# Glad to Be Here, Just Wanted to Say Howdy



## PeteW (Oct 21, 2010)

New to the hauntForum and wanted to say hi. I've always had a special place for Halloween. After our kids left we kind of went on hiatus, but then the grand kids inspired me. Got back into the Halloween Spirit about 2006, We do a haunted yard and zombie makeup. Seems to be a big hit every year. I'm looking forward to learning and sharing. I hope I'm never to old to let my inner kid out once in a while.


----------



## Evil Queen (Mar 8, 2008)




----------



## Goblin (Jun 3, 2009)




----------



## NickG (Sep 12, 2006)

welcome aboard! once in a while??? my inner kid is out all the time.


----------



## Lunatic (Oct 3, 2006)

Welcome to HauntForum PeteW! Glad to have you.


----------



## fick209 (Aug 31, 2009)

Welcome to haunt forum!


----------



## SPOOKY J (Nov 20, 2009)

Hello and Welcome!


----------



## Death's Door (Mar 22, 2006)

Hello and welcome to the forum!!!!!!


----------



## Spooky1 (Aug 25, 2008)

Welcome to the forum!


----------



## dynoflyer (Oct 8, 2006)




----------



## goneferal (Sep 8, 2010)

Good for you!
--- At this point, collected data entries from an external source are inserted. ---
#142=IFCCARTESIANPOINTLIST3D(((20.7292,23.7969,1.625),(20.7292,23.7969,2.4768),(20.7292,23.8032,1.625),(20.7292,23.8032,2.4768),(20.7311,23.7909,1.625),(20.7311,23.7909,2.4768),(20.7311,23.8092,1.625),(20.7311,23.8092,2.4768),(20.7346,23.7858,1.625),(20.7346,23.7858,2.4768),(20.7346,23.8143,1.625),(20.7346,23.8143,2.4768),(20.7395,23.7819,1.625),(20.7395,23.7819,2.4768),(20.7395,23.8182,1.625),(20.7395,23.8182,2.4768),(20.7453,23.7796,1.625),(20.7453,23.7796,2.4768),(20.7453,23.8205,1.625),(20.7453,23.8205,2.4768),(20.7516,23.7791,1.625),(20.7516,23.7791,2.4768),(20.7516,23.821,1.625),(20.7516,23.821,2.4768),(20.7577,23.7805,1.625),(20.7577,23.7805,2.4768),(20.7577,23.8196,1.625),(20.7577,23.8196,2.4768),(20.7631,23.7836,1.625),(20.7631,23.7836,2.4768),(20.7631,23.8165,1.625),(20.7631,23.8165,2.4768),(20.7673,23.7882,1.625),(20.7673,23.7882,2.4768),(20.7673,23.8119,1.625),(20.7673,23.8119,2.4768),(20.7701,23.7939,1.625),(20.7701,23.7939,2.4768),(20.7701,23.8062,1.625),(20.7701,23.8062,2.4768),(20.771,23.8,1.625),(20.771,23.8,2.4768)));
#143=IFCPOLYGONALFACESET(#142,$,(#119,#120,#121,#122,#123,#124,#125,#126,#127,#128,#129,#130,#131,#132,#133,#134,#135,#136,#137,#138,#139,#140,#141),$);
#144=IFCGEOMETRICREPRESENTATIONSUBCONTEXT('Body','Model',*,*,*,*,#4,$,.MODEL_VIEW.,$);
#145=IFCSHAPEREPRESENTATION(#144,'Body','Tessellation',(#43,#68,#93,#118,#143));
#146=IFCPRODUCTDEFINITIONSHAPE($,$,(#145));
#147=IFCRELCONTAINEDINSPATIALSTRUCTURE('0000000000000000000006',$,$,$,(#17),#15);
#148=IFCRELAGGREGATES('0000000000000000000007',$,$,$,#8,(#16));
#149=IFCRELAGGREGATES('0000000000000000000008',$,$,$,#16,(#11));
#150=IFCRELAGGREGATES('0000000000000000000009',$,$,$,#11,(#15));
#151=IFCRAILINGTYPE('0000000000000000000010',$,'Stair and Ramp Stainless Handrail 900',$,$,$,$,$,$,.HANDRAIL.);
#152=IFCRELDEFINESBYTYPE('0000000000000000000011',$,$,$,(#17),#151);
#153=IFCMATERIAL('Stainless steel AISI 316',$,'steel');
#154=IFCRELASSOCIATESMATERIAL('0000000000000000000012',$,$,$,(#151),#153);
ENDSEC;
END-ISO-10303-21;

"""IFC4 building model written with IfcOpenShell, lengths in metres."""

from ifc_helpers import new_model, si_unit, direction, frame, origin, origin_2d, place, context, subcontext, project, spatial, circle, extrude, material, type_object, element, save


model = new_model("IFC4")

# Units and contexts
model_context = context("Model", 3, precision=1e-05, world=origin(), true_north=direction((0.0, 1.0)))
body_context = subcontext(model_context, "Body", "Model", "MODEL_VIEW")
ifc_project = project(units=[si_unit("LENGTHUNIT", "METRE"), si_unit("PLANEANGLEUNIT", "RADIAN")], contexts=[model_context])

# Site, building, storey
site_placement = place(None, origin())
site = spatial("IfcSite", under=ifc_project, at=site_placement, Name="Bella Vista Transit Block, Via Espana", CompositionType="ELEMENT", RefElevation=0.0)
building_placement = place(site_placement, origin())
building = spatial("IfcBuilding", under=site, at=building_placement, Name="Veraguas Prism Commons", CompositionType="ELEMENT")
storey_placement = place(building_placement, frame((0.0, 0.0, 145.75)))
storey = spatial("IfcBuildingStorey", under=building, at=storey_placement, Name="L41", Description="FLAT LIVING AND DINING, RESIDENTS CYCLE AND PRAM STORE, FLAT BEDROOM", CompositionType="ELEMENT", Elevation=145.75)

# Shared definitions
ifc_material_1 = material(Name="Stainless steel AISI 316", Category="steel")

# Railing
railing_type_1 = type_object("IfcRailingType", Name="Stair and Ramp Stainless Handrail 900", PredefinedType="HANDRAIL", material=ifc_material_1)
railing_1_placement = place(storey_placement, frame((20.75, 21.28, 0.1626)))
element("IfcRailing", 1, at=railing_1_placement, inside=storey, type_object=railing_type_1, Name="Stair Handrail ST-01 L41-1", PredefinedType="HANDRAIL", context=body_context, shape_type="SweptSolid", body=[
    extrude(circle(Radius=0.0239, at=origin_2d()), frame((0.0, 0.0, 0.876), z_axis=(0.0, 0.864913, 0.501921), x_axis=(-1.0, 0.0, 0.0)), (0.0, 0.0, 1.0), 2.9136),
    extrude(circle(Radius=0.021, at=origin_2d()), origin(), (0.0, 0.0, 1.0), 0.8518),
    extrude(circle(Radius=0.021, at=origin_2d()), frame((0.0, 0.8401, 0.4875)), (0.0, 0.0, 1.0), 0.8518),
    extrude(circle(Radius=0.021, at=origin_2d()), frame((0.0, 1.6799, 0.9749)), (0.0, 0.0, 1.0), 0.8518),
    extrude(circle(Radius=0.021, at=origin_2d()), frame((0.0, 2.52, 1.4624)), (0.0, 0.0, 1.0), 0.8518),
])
I just had a Grandma drive by our house and stop to tell me that her grandson gives her daily updates. Thanks for spreading the love for the day!


----------



## madmomma (Jul 1, 2009)

Hello PeteW! Welcome to the forum!


----------



## stick (Jan 21, 2009)

Hello and welcome to the forum.


----------